In this context, it is remarkable to note that the closely related compound ixabepilone, which differs in only one atom by the exchange of oxygen against nitrogen within the ester bridge of the molecule, displayed no detectable effects on SCCOHT-1 cell growth and viability even at a 250-fold higher concentration as compared to epothilone B. These significantly different cellular effects of structurally very similar compounds are related to molecular differences in the interactions with tubulins and the associated stability of the microtubules. Whereas tubulinα and tubulinβ proteins associate to a heterodimer and form a taxane binding pocket at intradimer interfaces, epothilone B binding to this taxane site exhibits a tight interaction with the heterodimeric tubulin molecule and a rather static conformation. In contrast, ixabepilone retains a significant degree of flexibility within the atomic and molecular environment of this taxane binding pocket and therefore displays different effects on the interaction and stability with the tubulin heterodimeric molecule [29]. Such molecular interactions may also apply to the isotype form tubulinβ3 which is present predominantly in aggressive and drug-resistant tumors [30],[31]. Indeed, a markedly detectable expression of tubulinβ3 has been identified in SCCOHT-1 cells in contrast to the NIH:OVCAR-3 and SK-OV-3 ovarian cancer cells which substantiates the aggressiveness of SCCOHT.

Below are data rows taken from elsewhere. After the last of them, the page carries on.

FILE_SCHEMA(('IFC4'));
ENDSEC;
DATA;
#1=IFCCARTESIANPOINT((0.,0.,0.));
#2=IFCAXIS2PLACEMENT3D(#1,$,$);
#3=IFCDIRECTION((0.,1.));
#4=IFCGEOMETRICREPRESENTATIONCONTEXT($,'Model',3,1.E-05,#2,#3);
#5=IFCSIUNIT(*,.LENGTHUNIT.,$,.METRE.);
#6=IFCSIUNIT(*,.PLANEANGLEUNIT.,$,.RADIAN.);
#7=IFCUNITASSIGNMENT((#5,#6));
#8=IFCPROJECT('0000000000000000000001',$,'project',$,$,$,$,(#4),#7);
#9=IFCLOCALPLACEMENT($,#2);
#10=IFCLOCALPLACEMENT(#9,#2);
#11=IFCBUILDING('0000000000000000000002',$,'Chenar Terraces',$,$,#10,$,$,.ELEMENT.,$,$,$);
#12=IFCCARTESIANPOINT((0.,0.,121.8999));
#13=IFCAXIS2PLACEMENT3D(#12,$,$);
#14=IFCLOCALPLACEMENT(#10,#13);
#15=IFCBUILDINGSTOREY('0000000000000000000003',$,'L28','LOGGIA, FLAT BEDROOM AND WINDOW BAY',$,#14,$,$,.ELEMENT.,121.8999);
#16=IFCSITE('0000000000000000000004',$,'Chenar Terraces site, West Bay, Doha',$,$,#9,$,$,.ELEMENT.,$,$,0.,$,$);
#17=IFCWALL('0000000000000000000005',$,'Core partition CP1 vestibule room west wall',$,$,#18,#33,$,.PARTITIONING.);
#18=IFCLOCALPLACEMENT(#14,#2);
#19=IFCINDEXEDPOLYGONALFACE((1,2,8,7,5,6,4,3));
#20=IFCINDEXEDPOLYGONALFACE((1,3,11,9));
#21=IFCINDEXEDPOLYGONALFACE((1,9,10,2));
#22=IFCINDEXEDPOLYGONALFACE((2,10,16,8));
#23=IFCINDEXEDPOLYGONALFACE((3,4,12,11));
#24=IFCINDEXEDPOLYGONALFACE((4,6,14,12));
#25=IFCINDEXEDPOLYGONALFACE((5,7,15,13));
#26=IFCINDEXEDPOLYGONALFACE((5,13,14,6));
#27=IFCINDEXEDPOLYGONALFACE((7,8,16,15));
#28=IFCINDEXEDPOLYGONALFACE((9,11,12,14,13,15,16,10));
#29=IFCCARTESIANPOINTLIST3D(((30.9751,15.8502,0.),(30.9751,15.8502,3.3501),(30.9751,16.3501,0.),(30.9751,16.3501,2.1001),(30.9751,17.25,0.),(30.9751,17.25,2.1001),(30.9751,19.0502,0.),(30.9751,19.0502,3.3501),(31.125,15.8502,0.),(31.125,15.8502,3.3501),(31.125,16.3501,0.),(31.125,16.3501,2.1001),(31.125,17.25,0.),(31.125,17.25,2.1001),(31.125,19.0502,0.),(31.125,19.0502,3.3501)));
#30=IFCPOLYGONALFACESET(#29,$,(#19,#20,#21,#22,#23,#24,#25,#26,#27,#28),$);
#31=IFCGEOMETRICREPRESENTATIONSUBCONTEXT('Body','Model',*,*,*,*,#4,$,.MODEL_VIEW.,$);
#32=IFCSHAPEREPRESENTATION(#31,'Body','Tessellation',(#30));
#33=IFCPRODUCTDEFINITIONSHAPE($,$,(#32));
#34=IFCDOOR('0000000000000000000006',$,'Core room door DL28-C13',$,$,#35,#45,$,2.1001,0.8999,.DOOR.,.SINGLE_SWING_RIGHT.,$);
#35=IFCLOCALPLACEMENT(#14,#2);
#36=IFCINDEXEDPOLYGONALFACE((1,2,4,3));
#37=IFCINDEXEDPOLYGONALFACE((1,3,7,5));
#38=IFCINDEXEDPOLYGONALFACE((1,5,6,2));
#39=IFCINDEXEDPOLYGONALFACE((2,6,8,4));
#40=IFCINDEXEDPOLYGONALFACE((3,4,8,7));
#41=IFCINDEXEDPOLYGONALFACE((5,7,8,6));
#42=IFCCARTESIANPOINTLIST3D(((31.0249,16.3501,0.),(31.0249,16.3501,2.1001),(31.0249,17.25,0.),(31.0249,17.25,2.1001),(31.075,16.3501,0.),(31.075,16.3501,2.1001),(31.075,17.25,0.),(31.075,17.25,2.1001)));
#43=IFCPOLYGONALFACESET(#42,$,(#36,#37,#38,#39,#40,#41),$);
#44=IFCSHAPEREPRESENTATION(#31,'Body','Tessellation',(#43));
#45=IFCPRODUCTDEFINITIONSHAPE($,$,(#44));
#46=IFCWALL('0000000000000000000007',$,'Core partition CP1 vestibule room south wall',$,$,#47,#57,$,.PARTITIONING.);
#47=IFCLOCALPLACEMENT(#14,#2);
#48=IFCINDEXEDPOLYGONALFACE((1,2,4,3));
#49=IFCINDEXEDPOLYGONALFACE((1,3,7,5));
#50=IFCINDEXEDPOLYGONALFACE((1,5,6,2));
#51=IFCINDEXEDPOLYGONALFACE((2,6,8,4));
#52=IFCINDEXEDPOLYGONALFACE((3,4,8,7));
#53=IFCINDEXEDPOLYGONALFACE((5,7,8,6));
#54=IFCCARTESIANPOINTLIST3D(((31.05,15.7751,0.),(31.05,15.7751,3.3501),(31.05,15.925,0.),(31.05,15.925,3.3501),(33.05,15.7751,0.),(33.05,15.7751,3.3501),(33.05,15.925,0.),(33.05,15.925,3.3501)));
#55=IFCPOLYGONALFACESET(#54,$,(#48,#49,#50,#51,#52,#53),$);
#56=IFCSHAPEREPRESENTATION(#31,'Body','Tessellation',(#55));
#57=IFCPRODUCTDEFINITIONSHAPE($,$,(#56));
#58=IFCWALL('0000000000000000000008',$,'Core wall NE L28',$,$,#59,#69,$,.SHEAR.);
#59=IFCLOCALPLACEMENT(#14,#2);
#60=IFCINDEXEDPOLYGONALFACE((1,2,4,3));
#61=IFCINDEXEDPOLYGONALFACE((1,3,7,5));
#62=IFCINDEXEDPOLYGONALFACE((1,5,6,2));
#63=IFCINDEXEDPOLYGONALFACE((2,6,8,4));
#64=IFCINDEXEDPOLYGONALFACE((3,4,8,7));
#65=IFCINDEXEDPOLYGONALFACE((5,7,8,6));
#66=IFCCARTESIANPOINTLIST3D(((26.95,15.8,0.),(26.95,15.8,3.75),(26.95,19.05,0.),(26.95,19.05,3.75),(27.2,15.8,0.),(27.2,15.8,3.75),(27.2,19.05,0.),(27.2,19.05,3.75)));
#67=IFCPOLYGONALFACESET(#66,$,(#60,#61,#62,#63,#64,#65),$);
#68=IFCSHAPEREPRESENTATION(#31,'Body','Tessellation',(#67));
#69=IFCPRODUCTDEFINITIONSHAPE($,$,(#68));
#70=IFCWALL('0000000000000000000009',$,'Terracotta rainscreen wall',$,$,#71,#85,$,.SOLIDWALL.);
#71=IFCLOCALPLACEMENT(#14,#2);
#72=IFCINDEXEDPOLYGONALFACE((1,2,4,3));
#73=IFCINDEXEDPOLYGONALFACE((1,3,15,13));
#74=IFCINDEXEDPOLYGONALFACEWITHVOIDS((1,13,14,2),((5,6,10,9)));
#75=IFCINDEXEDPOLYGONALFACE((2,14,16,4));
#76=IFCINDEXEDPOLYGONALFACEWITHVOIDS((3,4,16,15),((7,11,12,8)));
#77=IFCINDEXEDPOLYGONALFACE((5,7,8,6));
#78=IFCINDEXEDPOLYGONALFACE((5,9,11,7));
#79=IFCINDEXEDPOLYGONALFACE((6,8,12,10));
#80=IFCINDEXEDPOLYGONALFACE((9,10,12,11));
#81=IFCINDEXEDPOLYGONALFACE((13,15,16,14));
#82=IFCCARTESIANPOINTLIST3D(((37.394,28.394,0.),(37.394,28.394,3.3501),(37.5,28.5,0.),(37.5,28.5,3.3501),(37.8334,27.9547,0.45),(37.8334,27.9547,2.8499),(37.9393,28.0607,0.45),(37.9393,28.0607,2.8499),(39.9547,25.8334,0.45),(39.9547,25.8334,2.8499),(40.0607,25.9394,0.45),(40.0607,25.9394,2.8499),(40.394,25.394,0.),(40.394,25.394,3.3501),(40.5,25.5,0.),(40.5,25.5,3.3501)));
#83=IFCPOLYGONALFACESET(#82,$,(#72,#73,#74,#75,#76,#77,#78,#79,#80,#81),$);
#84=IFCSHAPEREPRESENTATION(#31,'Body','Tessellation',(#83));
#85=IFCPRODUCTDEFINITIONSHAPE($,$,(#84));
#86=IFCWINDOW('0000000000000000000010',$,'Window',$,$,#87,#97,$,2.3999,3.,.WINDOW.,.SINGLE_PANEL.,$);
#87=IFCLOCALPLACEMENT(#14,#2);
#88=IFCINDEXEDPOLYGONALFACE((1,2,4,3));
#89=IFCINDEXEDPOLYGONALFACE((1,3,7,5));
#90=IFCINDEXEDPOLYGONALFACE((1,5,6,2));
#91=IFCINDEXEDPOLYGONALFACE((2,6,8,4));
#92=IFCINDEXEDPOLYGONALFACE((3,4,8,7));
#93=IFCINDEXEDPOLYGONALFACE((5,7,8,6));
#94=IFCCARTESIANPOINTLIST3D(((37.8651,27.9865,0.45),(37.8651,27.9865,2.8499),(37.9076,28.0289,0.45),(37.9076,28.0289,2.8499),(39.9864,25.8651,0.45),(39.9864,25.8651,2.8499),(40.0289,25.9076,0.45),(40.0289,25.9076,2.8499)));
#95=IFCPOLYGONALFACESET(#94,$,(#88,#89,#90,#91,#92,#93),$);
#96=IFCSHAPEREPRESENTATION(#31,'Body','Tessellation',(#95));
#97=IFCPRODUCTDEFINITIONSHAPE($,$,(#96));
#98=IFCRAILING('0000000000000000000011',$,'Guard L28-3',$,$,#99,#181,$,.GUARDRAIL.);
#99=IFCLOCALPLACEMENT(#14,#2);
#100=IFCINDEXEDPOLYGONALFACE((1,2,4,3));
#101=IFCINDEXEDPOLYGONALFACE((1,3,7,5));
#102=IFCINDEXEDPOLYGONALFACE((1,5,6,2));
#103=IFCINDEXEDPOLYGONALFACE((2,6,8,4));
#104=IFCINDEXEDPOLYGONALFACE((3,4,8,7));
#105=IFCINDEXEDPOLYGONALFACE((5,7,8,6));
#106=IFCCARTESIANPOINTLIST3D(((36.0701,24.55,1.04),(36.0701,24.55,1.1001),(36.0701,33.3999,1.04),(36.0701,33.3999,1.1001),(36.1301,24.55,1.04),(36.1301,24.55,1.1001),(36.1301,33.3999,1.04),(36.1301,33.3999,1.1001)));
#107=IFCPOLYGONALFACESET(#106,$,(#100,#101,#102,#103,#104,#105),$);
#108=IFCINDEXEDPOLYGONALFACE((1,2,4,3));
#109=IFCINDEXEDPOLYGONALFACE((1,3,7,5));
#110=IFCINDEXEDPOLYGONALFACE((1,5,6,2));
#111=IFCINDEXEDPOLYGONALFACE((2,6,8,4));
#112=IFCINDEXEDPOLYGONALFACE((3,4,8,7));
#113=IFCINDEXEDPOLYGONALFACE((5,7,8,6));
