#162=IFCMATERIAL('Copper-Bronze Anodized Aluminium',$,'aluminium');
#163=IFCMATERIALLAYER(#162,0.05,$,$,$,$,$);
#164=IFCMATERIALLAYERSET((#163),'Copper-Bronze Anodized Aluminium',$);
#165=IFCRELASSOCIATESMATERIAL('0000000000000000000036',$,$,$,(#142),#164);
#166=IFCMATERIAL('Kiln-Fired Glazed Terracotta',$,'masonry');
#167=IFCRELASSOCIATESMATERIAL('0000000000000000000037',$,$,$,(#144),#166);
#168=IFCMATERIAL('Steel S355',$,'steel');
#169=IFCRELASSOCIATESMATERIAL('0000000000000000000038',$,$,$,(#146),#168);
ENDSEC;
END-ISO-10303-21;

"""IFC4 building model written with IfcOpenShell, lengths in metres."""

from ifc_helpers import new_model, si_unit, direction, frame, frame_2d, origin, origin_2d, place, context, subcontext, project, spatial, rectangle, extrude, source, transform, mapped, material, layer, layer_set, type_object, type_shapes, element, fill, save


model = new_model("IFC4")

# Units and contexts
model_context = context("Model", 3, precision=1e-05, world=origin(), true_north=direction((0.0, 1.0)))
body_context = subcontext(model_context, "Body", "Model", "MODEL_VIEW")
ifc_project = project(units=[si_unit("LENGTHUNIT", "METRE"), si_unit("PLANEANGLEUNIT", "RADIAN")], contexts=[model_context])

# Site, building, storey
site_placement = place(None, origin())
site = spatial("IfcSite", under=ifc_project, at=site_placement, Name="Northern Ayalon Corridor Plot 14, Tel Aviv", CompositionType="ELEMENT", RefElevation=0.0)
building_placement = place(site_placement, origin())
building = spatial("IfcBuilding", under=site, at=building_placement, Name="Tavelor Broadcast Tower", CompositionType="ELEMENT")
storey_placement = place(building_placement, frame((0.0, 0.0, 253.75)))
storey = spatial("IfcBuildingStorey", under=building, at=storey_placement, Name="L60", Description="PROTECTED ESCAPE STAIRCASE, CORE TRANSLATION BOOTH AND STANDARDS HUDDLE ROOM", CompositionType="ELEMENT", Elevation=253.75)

The significant epothilone B-mediated growth reduction of SCCOHT-1 cells in vitro was maintained in re-cultured cells from induced mouse xenograft tumors and these findings could also be confirmed in vivo demonstrating a tumor reduction by epothilone B in SCCOHT-1-induced mouse xenografts. Moreover, the tumor-reducing effects of epothilone B could be synergistically enhanced by exogenous calcium in vitro and in vivo and resulted in an attenuated tumor growth. The concomitant reduction of the hypercalcemic serum levels back to normal calcium serum levels observed in calcium + epothilone B-treated mice in contrast to the sustained hypercalcemia in untreated and solely calcium-treated tumors appear somewhat paradoxical and suggests an important but so far unexplained physiological role of calcium in this tumor entity. Since increased calcium levels can exhibit cytotoxic effects in ovarian cancer cells in vitro[32], hypercalcemia may partially represent a defense mechanism of the organism to antagonize the rapid and aggressive tumor growth and exogenously added calcium may further raise these levels for a sufficient synergy with epothilone B. However, the underlying mechanisms of this synergism remain unanswered and require further investigation.

Conclusion

Whereas only little therapeutic strategies for unresponsive ovarian carcinoma are available, the present findings provide a more detailed understanding of potential compounds to target ovarian cancer cells exhibiting resistance to a variety of chemotherapeutics. Moreover, this work demonstrates a promising disease-focused approach including some molecular explanation for targeting the small cell carcinoma of the ovary hypercalcaemic type which may be embedded into a multi-modality therapeutic approach for a better targeted treatment of this rare cancerous disease.